You could look and see 100 tricked-out cars arranged in a phalanx on the roof of a parking lot across the street from Frank Gehry's Walt Disney Hall, many with their doors open and angled up to the sky.

You could listen to the sometimes sharp, sometimes guttural tones that were pealing from their speakers, each a variation on the standard tuning of the note A.

Or you could close your eyes and feel how the music pushed against the ears, the head, the skin, throbbing and droning and crashing.

A public sound art installation made possible through corporate largesse - the performance was part of the first Los Angeles edition of the Red Bull Music Academy festival - it turned negative space in the centre of downtown Los Angeles into a sublime womb.

All around, tall buildings loomed, while on the performance stage, 100 cars worked through what felt like a meditation.

Ikeda's composition juxtaposed precision and imprecision: 440Hz is the current tuning standard for A, but that was not always the case. Each car here was paired with a historical tuning, with frequencies ranging from 376.3Hz to 506.9Hz. Also, though this composition could have been performed cleanly by computer, it instead relied on amateur performers - the drivers who, in this case, were also the musicians.

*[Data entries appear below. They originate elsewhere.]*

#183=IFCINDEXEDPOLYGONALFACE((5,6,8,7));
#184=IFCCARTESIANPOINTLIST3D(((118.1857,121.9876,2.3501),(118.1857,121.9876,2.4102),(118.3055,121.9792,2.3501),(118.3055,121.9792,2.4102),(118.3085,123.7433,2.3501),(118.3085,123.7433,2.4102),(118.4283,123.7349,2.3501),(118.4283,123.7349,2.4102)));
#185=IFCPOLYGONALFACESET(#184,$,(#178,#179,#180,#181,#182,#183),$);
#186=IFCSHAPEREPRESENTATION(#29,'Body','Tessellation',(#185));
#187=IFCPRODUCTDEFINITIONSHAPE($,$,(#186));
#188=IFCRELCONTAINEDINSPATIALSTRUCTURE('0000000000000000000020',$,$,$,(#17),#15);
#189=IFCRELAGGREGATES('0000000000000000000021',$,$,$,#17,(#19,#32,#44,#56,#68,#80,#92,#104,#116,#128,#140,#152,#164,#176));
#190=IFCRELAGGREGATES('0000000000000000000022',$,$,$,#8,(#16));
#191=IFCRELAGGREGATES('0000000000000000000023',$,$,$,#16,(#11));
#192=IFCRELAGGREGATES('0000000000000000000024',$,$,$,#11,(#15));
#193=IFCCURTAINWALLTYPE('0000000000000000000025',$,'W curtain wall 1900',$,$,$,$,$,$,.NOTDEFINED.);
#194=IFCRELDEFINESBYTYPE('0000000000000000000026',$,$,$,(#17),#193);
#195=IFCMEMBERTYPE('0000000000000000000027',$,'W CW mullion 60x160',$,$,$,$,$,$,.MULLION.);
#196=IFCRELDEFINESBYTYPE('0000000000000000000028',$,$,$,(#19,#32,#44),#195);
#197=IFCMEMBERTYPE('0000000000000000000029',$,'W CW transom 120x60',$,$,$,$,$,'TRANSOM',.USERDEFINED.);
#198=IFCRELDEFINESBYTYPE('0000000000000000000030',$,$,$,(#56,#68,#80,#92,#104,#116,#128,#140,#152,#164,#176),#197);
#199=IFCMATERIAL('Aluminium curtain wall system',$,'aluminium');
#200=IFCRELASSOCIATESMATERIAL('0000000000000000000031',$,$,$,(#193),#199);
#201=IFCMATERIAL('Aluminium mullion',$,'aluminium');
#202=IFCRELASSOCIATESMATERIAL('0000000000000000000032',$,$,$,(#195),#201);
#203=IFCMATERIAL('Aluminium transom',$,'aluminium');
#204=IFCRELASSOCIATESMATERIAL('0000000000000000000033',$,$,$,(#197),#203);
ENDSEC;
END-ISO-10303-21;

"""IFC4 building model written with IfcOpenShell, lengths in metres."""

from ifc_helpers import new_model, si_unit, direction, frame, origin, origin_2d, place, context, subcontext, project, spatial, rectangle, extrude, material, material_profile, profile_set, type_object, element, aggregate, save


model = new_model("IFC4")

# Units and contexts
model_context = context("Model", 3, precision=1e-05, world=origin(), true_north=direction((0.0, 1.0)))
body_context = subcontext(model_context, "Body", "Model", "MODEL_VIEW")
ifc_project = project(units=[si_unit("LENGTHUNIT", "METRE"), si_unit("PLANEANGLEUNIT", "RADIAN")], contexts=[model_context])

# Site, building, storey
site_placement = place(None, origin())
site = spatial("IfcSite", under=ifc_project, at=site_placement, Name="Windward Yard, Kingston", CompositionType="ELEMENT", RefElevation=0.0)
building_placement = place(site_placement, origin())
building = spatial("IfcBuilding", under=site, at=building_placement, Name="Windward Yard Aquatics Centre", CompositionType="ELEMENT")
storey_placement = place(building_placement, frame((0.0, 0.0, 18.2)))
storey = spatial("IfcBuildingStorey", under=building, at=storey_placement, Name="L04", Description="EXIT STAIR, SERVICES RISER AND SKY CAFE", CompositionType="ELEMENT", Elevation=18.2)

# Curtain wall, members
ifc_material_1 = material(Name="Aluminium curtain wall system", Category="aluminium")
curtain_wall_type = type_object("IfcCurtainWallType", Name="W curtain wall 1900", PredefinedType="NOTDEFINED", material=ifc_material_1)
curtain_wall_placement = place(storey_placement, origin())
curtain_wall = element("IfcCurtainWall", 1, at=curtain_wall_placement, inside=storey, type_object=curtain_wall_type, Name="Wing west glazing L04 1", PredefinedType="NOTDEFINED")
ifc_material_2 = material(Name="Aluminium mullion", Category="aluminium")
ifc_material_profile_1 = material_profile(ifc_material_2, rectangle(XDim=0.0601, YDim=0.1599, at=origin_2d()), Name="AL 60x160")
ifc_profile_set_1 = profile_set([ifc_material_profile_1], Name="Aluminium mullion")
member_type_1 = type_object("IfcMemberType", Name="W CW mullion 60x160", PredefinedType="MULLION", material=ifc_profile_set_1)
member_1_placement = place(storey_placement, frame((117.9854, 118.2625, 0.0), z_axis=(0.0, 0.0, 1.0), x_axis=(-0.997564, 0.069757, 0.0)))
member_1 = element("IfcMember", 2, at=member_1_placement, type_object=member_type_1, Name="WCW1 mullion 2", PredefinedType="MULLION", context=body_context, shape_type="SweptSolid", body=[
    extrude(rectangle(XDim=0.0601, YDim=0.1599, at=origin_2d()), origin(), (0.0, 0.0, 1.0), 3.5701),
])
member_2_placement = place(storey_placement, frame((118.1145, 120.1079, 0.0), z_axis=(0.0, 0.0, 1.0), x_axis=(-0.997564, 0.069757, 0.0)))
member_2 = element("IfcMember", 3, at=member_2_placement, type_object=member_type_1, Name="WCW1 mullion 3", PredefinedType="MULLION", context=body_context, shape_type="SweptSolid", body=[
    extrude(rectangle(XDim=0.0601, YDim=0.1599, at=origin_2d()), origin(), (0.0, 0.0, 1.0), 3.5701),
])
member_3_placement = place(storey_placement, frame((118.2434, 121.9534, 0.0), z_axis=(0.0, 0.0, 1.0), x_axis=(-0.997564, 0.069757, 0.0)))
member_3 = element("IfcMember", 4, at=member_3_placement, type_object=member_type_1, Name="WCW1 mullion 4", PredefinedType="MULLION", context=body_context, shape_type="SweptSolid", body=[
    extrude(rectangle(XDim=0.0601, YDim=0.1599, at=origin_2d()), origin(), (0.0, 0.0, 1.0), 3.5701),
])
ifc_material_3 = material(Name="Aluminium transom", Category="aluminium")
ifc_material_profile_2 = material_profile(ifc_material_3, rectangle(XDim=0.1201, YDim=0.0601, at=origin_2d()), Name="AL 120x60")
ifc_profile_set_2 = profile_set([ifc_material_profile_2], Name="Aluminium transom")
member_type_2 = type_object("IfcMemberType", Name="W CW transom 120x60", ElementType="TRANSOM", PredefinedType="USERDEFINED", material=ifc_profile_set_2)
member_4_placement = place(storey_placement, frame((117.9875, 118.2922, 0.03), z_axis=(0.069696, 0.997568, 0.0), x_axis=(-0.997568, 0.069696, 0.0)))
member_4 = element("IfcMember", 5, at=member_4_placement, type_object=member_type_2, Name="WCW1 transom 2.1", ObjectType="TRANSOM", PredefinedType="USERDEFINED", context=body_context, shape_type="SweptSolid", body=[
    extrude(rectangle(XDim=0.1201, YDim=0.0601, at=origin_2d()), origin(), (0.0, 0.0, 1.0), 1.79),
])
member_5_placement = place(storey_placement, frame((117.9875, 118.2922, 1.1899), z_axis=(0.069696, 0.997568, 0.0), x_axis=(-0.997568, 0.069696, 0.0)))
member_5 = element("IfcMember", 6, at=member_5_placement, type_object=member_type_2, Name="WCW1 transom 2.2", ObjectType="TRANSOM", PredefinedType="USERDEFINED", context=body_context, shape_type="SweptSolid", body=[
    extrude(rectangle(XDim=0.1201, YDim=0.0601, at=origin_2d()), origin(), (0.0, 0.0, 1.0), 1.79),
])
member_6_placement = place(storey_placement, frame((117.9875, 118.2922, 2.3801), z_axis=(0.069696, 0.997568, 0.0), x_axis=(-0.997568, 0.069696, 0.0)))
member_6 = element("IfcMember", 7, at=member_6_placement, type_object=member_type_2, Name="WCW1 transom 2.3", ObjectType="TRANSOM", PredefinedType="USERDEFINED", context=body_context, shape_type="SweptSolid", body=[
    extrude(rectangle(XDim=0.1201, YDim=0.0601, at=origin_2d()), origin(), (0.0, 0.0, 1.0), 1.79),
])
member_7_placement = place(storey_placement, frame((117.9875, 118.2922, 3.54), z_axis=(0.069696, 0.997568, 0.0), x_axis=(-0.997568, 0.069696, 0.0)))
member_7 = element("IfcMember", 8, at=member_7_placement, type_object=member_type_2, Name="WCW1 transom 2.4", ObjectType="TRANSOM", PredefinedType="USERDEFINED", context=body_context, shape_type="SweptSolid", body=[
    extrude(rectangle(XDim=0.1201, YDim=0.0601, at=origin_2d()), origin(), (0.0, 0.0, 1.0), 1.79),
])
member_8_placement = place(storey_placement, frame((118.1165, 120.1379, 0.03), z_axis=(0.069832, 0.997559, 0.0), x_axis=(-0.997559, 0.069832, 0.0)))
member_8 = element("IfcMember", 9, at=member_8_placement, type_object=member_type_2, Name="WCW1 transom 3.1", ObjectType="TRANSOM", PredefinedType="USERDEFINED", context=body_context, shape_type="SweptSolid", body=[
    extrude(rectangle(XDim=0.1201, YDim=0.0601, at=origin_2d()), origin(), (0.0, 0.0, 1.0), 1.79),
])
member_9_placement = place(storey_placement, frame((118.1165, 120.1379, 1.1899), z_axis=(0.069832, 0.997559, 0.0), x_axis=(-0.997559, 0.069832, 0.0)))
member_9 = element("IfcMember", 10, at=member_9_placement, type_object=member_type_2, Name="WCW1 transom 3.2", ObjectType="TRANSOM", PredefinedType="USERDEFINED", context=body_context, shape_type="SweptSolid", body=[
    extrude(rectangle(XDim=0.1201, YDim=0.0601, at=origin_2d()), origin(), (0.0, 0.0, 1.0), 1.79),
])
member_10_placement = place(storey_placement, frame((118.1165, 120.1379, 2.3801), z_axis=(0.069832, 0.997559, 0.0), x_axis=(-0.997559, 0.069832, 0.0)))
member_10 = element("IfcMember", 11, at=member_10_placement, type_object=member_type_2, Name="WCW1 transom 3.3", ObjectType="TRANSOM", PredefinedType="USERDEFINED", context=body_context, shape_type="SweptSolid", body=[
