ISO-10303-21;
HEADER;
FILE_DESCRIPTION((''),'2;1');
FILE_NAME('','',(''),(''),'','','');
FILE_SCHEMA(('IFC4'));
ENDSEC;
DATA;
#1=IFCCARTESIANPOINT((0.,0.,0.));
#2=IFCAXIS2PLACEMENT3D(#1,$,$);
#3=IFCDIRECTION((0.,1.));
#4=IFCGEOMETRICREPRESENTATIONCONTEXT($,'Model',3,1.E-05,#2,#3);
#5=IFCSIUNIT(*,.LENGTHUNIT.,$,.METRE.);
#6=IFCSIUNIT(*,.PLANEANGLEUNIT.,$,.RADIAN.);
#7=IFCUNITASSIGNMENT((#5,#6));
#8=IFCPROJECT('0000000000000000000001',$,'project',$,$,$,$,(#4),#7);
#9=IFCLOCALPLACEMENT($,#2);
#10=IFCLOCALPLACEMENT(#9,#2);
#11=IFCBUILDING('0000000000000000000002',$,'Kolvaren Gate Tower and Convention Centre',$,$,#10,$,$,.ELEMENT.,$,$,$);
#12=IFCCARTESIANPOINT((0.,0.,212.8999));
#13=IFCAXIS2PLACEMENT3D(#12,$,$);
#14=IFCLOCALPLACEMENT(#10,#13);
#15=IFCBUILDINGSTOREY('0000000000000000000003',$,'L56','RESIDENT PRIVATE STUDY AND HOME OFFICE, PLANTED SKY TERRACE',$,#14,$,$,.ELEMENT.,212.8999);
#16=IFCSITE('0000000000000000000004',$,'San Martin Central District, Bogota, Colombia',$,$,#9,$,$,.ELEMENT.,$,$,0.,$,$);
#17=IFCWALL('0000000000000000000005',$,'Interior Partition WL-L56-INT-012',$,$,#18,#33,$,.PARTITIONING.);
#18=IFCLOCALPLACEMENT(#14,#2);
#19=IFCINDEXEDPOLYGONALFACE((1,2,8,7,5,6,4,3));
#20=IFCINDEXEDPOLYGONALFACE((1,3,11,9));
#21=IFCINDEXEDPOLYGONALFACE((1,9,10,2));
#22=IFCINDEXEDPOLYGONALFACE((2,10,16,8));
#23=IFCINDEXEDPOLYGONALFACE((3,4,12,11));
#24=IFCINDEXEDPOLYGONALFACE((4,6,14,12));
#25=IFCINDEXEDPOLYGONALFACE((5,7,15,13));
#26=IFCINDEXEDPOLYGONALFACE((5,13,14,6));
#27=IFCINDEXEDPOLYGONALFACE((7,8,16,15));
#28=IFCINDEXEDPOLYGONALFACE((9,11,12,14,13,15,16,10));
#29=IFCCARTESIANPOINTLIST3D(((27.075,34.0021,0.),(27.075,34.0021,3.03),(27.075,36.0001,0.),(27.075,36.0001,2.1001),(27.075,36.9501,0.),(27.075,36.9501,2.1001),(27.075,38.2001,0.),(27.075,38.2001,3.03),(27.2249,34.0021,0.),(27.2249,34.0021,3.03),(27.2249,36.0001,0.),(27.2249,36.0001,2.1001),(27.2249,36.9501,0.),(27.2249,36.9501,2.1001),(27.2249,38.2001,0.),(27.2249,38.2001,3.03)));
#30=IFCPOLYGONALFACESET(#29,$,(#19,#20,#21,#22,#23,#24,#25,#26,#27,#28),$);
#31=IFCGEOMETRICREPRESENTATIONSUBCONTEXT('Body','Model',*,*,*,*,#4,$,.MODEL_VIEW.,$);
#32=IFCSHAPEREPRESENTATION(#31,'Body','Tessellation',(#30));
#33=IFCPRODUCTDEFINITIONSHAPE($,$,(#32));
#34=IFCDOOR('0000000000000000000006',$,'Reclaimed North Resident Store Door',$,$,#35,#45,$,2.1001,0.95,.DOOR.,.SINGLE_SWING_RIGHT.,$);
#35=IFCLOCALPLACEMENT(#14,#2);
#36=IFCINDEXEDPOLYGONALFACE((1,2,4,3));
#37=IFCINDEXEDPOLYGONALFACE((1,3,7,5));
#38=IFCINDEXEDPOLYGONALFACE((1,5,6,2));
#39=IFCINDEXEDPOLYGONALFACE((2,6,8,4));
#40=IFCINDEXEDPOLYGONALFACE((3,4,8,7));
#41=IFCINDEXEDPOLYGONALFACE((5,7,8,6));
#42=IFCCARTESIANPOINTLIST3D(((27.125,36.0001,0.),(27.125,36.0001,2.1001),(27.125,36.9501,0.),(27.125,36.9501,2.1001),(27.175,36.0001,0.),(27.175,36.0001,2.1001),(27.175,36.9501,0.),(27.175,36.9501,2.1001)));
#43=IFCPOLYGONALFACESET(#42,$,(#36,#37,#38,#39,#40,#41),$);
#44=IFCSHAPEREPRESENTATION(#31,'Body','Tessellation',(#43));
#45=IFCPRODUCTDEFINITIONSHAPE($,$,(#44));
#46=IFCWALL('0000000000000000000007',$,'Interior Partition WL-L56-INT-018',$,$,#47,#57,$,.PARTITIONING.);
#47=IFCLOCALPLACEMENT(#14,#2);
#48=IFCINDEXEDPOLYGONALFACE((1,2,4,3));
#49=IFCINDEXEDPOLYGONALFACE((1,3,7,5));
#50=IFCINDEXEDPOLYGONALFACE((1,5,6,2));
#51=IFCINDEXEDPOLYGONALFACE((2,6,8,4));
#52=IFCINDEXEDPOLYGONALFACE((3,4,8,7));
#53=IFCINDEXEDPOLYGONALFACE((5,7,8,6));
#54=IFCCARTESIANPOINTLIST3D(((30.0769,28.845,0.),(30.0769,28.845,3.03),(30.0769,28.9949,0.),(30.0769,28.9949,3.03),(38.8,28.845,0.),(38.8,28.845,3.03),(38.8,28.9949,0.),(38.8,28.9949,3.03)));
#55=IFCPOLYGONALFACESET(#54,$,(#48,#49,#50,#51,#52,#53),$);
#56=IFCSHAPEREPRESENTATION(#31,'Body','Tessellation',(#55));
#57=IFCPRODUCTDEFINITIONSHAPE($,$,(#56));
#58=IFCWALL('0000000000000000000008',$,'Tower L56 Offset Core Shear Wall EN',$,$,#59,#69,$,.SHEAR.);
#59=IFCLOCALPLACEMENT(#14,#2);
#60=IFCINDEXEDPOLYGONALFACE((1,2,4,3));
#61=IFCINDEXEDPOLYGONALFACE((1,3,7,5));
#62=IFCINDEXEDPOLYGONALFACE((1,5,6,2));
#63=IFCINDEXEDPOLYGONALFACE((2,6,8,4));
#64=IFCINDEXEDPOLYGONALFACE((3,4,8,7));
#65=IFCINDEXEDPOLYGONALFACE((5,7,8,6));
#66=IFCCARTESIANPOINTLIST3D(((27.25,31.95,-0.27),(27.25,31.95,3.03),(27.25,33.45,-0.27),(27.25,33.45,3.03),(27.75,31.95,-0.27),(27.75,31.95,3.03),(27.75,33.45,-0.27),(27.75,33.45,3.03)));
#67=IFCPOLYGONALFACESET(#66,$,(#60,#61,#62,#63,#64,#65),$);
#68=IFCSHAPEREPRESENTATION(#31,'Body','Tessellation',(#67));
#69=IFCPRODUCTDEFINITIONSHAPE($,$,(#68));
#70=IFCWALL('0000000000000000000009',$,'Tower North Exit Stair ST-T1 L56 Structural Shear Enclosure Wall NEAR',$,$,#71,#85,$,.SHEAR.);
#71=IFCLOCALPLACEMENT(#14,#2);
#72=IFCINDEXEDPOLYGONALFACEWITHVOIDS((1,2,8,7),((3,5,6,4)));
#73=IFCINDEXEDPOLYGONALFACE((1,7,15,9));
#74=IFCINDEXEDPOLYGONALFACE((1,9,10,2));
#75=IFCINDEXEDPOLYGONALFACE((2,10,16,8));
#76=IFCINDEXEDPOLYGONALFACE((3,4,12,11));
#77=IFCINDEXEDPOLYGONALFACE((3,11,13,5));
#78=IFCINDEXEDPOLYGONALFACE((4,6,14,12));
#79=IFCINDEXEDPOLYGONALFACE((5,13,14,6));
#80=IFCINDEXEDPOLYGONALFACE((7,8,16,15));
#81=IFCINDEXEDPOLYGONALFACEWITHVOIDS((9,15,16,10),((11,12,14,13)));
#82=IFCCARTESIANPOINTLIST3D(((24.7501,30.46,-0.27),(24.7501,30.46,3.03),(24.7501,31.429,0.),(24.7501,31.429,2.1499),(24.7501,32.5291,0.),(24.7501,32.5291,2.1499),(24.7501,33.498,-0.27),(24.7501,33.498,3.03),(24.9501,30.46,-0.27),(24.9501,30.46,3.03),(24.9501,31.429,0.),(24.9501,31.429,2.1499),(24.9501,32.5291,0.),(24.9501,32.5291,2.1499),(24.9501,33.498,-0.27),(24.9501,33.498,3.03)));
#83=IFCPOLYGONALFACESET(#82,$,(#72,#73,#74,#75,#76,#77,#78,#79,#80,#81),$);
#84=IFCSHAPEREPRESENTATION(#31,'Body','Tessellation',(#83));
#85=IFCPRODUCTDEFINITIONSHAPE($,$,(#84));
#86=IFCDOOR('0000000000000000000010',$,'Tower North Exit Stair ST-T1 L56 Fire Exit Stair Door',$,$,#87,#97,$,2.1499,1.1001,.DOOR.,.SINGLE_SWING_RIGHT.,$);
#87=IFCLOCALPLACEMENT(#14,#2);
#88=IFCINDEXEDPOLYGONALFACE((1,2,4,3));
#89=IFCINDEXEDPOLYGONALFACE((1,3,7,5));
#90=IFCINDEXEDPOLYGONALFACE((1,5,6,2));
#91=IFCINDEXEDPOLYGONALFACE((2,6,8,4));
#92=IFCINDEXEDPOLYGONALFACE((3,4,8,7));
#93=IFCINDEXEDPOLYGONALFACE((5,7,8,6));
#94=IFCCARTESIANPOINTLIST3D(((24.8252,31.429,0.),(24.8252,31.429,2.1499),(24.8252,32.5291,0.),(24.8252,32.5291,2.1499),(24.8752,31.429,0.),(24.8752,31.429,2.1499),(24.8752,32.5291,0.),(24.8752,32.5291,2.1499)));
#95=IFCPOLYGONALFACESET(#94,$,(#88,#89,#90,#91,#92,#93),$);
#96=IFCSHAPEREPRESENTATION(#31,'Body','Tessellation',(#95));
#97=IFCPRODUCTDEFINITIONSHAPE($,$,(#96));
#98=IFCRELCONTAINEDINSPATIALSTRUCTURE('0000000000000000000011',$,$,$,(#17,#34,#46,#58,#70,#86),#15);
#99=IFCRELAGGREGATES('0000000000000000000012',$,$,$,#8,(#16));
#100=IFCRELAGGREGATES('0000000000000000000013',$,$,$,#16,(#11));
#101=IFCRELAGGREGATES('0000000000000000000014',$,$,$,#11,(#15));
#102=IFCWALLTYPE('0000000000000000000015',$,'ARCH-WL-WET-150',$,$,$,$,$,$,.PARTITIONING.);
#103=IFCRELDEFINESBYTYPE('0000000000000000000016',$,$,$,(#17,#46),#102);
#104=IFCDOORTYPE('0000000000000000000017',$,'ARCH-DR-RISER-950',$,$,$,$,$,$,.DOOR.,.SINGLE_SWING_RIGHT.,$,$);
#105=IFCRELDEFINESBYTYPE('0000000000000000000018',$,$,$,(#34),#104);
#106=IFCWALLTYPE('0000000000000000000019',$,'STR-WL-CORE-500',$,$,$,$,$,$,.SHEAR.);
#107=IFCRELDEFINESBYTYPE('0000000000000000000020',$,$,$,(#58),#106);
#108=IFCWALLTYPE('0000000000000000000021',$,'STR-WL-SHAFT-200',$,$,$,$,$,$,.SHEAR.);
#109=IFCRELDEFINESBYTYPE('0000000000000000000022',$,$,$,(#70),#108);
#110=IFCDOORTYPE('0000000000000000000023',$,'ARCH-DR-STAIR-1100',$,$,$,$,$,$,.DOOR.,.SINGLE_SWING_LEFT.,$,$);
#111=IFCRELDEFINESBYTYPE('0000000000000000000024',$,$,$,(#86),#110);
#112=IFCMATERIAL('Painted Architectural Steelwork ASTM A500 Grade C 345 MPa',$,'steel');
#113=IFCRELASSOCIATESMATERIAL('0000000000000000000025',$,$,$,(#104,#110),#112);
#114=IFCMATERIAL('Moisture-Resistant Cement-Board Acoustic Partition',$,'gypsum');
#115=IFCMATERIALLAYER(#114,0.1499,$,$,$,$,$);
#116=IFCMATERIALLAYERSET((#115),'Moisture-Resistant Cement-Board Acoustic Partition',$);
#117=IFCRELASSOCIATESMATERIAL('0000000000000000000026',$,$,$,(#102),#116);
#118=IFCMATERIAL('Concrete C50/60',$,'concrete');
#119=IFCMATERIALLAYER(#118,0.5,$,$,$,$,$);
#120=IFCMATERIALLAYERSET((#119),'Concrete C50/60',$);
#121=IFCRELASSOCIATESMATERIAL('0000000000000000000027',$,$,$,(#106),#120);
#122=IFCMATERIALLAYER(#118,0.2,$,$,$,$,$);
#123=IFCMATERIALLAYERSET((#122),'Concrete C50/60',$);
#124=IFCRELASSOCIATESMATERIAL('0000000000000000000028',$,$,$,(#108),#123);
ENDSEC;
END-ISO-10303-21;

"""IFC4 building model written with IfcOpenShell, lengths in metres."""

from ifc_helpers import new_model, si_unit, direction, frame, frame_2d, origin, place, context, subcontext, project, spatial, rectangle, extrude, material, layer, layer_set, type_object, element, fill, save


model = new_model("IFC4")

# Units and contexts
model_context = context("Model", 3, precision=1e-05, world=origin(), true_north=direction((0.0, 1.0)))
body_context = subcontext(model_context, "Body", "Model", "MODEL_VIEW")
ifc_project = project(units=[si_unit("LENGTHUNIT", "METRE"), si_unit("PLANEANGLEUNIT", "RADIAN")], contexts=[model_context])

# Site, building, storey
site_placement = place(None, origin())
site = spatial("IfcSite", under=ifc_project, at=site_placement, Name="San Martin Central District, Bogota, Colombia", CompositionType="ELEMENT", RefElevation=0.0)
building_placement = place(site_placement, origin())
building = spatial("IfcBuilding", under=site, at=building_placement, Name="Kolvaren Gate Tower and Convention Centre", CompositionType="ELEMENT")
storey_placement = place(building_placement, frame((0.0, 0.0, 212.8999)))
storey = spatial("IfcBuildingStorey", under=building, at=storey_placement, Name="L56", Description="RESIDENT PRIVATE STUDY AND HOME OFFICE, PLANTED SKY TERRACE", CompositionType="ELEMENT", Elevation=212.8999)

# Shared definitions
ifc_material_1 = material(Name="Painted Architectural Steelwork ASTM A500 Grade C 345 MPa", Category="steel")
door_type_1 = type_object("IfcDoorType", Name="ARCH-DR-RISER-950", OperationType="SINGLE_SWING_RIGHT", PredefinedType="DOOR", material=ifc_material_1)

# Wall, opening, door
ifc_material_2 = material(Name="Moisture-Resistant Cement-Board Acoustic Partition", Category="gypsum")
ifc_layer_1 = layer(ifc_material_2, 0.1499)
ifc_layer_set_1 = layer_set([ifc_layer_1], Name="Moisture-Resistant Cement-Board Acoustic Partition")
wall_type_1 = type_object("IfcWallType", Name="ARCH-WL-WET-150", PredefinedType="PARTITIONING", material=ifc_layer_set_1)
wall_1_placement = place(storey_placement, frame((27.1499, 34.002, 0.0), z_axis=(0.0, 0.0, 1.0), x_axis=(0.0, 1.0, 0.0)))
wall_1 = element("IfcWall", 1, at=wall_1_placement, inside=storey, type_object=wall_type_1, Name="Interior Partition WL-L56-INT-012", PredefinedType="PARTITIONING", context=body_context, shape_type="SweptSolid", body=[
    extrude(rectangle(XDim=4.198, YDim=0.1499, at=frame_2d((2.0991, 0.0))), origin(), (0.0, 0.0, 1.0), 3.03),
])
opening_1_placement = place(wall_1_placement, frame((1.998, 0.0, 0.0)))
opening_1 = element("IfcOpeningElement", 2, at=opening_1_placement, cuts=wall_1, PredefinedType="OPENING", context=body_context, shape_type="SweptSolid", body=[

Each had a pocket-size synthesizer programmed to one specific frequency and a dedicated score instructing him or her how to manipulate the knobs at various points in the 27-minute piece.

"It's impossible to follow, exactly, the timing," Ikeda said after the performance. But he added: "All the drivers were so serious. I was kind of underestimating them."

Influential photographer Estevan Oriol was in the front row with his lovingly-detailed 1964 Chevrolet Impala SS lowrider.

"I'm trying to expand our car culture," he said. "The lowrider community for the most part only do lowrider community-related stuff. I never even heard of anything like this."

Among the 100 cars, the lowriders stood out for their candy-bright paint.

But plenty of unassuming vehicles with astonishing sound systems participated as well.

"Some cars look normal, but inside is like a weapon," Ikeda said.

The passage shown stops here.